Ei-iE

Education International
Education International

Less than a quarter of secondary students living in emergencies have access to education

published 16 January 2017 updated 17 January 2017

A new Human Rights Watch World Report looks into secondary education for children in emergency situations, calling on humanitarian actors and donors to ensure that refugee adolescents have access to education wherever they find themselves.

Every day in 2015, around 17,000 children fled their homes due to persecution and conflict, according to Human Rights Watch’s (HRW) latest World Report, launched last week. While access to education is crucial for children’s physical and emotional well-being, for those living in emergencies going to school is often an impossible dream.

The report draws on United Nations Refugee Agency (UNHCR)’s striking data, which shows that while half of the world’s 3.5 million refugee children of primary-school age attend classes, less than a quarter of the 1.95 million secondary-school-aged children have access to education. And it is worse for girls: globally, just seven girls for every 10 refugee boys go to secondary school.

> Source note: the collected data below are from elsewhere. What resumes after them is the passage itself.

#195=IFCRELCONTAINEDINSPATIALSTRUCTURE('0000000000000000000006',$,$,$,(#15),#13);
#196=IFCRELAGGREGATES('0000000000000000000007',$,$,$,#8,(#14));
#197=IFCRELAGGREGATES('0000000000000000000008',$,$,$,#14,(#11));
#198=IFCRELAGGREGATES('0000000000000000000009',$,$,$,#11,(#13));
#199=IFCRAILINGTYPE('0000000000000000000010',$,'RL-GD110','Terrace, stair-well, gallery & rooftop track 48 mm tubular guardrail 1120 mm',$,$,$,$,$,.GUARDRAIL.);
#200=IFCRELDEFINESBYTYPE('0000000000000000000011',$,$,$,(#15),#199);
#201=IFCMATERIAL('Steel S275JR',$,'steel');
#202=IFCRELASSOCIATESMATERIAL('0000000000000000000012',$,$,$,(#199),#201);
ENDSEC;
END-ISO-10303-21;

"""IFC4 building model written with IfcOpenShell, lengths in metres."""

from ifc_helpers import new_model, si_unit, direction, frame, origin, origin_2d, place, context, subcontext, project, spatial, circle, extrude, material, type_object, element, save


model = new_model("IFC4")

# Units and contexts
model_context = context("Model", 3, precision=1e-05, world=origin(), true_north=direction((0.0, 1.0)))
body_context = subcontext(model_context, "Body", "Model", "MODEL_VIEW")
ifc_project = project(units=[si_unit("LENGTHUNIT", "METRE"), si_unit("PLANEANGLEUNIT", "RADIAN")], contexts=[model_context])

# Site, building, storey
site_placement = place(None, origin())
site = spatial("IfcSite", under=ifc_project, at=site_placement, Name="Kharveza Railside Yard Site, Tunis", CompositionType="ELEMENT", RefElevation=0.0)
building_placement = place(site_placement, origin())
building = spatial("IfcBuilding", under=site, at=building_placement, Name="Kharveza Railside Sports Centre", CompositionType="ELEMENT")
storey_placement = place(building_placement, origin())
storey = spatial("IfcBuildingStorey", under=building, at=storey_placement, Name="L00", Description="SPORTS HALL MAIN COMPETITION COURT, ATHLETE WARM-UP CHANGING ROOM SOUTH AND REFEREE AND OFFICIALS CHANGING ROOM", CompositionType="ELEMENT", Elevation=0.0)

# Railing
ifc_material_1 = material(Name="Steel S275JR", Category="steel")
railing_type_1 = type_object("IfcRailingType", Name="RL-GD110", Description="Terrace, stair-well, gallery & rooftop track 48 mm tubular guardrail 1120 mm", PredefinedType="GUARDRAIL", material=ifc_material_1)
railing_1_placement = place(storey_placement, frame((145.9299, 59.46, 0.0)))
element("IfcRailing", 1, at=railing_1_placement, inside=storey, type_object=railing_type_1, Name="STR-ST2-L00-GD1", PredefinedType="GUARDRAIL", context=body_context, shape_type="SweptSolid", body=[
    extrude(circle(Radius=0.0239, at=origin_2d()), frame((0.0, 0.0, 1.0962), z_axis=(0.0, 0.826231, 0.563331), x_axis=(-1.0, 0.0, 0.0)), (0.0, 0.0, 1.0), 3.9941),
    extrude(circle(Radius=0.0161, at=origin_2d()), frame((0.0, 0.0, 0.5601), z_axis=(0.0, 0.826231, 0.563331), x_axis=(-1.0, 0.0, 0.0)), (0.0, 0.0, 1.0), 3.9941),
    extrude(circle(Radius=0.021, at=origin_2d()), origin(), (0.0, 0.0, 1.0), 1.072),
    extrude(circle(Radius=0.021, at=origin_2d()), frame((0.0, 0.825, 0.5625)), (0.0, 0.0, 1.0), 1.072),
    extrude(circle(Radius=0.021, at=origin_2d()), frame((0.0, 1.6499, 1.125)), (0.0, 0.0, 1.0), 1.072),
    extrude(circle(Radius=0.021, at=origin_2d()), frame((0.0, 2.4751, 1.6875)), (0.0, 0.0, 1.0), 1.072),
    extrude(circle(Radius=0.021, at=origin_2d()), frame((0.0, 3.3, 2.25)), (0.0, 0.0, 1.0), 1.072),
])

Focus on primary education

While the record number of refugees and internally displaced people around the world has focused attention on the need to ensure that displaced children can enrol in school, humanitarian responses to crises have tended to focus on primary, rather than secondary, education, the report highlights.

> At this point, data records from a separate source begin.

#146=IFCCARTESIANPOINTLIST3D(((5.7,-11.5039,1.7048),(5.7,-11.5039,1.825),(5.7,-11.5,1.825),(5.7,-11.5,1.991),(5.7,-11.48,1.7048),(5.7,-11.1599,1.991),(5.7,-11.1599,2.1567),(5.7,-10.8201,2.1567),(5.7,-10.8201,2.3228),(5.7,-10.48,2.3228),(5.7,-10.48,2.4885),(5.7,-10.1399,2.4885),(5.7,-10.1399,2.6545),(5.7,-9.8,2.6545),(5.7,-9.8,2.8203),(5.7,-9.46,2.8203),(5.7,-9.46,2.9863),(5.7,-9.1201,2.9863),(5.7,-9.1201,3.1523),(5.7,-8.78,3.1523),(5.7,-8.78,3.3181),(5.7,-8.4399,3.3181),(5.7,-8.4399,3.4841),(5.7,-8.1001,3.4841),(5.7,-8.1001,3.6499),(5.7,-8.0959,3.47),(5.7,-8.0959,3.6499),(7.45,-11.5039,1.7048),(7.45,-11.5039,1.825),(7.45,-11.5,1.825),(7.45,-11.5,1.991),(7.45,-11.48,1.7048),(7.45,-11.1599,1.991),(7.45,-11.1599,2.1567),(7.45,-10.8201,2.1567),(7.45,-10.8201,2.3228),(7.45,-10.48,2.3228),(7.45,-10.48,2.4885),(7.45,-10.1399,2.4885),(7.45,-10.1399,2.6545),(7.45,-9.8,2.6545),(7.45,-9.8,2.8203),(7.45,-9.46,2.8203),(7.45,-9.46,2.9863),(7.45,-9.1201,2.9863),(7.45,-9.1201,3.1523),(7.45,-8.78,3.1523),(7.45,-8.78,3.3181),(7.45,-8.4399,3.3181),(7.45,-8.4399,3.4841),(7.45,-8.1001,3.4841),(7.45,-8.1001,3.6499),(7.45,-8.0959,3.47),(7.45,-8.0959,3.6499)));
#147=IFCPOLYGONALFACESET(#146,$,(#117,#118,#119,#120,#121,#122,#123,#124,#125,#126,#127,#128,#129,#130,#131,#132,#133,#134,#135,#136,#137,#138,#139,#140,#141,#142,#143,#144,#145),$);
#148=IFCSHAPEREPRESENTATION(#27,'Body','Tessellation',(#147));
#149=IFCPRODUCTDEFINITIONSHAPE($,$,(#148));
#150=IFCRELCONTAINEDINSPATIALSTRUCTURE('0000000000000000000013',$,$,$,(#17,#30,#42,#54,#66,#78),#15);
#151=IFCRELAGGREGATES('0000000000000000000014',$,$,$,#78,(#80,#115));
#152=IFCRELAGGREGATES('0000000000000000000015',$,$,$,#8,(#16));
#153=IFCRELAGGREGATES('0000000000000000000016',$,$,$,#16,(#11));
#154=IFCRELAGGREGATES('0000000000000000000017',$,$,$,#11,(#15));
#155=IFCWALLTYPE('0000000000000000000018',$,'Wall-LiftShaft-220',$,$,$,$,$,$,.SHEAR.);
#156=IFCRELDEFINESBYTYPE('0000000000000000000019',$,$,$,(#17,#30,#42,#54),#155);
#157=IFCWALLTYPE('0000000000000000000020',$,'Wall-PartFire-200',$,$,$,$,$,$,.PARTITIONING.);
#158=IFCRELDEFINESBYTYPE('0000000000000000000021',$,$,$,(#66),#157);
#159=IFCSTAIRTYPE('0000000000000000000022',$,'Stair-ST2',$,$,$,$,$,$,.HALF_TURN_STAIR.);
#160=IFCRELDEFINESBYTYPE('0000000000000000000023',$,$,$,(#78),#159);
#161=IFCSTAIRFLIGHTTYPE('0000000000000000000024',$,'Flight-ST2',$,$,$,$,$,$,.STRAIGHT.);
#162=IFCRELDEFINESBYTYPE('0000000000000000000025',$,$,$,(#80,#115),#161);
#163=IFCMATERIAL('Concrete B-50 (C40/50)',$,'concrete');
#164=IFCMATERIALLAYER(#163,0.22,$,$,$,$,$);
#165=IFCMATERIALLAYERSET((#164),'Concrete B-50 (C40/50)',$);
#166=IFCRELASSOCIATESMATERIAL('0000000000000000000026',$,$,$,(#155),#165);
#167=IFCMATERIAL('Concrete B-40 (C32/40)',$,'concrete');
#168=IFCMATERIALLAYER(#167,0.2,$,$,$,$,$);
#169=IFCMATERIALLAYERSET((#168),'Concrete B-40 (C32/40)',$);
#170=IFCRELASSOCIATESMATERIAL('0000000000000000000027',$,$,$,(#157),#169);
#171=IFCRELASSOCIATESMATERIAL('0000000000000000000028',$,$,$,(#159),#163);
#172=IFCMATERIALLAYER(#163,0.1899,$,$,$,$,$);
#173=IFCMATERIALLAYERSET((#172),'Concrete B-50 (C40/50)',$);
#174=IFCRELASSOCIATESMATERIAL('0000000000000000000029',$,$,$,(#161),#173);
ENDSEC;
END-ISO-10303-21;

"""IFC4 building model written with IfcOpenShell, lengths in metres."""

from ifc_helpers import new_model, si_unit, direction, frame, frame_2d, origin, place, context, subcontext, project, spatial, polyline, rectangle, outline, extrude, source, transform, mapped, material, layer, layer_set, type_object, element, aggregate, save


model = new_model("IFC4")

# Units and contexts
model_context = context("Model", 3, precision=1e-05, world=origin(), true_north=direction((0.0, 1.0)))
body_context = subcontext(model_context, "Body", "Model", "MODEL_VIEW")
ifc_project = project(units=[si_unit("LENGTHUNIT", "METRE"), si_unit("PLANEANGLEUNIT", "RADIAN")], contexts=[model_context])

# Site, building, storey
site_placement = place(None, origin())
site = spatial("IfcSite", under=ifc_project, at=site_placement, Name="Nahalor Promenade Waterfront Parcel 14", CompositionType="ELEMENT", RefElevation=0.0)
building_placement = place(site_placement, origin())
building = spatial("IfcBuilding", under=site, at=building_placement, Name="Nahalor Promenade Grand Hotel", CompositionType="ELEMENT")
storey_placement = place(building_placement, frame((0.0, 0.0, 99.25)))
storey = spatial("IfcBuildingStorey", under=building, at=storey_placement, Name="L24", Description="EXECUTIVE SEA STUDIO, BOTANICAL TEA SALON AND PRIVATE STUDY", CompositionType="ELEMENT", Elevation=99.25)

An essay published alongside the report is thus entirely devoted to secondary education and examines the specific problems that it has to face in emergencies—especially where conflicts forcibly displace children. It goes on to offer solutions that host countries, donors, and humanitarian actors could adopt to promote and guarantee secondary education in aid-recipient countries affected by crises or large refugee flows.

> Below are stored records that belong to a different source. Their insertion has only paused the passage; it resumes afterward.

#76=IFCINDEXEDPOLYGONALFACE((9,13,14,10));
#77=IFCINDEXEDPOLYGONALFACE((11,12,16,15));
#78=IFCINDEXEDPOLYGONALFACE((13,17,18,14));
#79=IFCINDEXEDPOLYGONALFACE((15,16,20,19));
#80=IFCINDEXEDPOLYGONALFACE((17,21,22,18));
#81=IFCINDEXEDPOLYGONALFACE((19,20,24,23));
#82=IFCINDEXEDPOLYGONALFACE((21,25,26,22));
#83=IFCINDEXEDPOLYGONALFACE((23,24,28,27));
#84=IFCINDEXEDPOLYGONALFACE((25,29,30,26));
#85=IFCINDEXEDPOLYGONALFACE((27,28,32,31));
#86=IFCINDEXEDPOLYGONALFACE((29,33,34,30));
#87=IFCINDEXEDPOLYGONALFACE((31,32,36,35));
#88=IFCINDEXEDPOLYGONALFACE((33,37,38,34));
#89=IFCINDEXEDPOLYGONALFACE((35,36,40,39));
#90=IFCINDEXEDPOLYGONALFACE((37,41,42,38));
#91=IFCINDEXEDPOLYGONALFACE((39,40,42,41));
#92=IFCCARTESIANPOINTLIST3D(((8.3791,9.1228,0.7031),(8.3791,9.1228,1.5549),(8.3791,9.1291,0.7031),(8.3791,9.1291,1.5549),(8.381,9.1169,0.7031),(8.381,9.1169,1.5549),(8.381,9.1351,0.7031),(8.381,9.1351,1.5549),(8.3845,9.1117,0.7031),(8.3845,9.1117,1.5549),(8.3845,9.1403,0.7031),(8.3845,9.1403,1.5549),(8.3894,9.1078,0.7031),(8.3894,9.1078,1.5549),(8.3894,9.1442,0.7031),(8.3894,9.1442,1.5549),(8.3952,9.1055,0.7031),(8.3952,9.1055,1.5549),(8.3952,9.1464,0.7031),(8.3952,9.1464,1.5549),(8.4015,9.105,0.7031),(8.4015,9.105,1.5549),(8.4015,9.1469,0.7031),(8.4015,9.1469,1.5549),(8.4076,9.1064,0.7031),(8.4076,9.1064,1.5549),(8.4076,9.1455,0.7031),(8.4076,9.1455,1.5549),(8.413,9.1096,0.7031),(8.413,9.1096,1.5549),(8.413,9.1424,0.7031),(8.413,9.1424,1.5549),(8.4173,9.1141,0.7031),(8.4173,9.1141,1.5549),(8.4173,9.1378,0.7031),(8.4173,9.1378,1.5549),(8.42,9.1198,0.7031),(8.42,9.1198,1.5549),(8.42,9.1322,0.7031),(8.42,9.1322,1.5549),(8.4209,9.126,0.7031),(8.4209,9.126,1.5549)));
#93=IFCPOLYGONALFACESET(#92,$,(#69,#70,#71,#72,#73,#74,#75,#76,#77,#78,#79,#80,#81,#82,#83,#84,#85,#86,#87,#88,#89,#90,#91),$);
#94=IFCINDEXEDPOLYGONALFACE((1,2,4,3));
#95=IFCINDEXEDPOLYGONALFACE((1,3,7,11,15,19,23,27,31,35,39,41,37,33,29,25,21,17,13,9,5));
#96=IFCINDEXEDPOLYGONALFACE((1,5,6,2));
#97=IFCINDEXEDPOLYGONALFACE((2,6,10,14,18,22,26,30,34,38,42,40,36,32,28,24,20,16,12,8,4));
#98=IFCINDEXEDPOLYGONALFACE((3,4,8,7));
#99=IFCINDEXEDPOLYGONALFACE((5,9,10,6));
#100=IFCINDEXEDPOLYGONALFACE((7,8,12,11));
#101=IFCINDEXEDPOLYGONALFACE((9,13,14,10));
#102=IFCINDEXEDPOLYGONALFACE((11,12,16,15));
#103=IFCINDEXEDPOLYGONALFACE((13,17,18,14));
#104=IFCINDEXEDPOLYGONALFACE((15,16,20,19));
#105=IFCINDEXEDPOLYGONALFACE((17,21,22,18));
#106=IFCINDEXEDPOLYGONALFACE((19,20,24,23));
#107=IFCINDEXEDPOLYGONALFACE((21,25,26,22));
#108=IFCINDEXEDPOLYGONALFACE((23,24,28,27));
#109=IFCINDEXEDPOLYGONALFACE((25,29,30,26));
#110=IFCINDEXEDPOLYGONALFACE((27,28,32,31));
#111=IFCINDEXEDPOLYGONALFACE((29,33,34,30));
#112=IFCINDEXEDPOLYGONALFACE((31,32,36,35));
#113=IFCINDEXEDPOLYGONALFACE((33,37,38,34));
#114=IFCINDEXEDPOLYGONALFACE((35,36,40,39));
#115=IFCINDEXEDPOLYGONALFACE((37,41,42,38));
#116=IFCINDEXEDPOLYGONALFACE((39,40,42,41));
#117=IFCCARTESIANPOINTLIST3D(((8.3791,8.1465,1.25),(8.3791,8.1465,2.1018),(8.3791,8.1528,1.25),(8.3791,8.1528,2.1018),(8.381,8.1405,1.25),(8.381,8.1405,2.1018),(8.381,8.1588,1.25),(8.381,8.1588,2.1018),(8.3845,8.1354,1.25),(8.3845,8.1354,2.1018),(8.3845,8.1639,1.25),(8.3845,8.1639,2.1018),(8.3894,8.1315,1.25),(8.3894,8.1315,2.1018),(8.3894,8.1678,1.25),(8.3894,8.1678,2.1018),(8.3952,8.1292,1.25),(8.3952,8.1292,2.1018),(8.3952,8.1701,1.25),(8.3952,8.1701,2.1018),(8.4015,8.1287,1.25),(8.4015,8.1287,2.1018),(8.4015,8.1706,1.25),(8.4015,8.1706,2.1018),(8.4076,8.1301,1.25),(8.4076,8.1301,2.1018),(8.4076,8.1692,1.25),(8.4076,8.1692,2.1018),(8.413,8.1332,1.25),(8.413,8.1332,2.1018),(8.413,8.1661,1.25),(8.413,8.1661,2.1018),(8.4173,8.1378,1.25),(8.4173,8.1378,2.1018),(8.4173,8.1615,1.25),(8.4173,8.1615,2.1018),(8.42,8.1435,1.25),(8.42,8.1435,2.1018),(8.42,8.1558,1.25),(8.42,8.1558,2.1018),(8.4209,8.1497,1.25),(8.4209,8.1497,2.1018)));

Funding as problem and solution

At the root of these problems, and solutions, says the essay, are funding and refugee policies. It reveals that globally, less than two percent of donor support goes to education in emergencies; of that, far more goes to primary than secondary education. Also, it finds that inadequate resources coincide with restrictive refugee host-country policies that often hit children hardest just as they become adolescents.

The Human Rights Watch World Report for 2017 summarises key human rights issues in more than 90 countries and territories worldwide. It reflects research work and data collected throughout 2016, in close partnership with human rights activists in the countries in focus.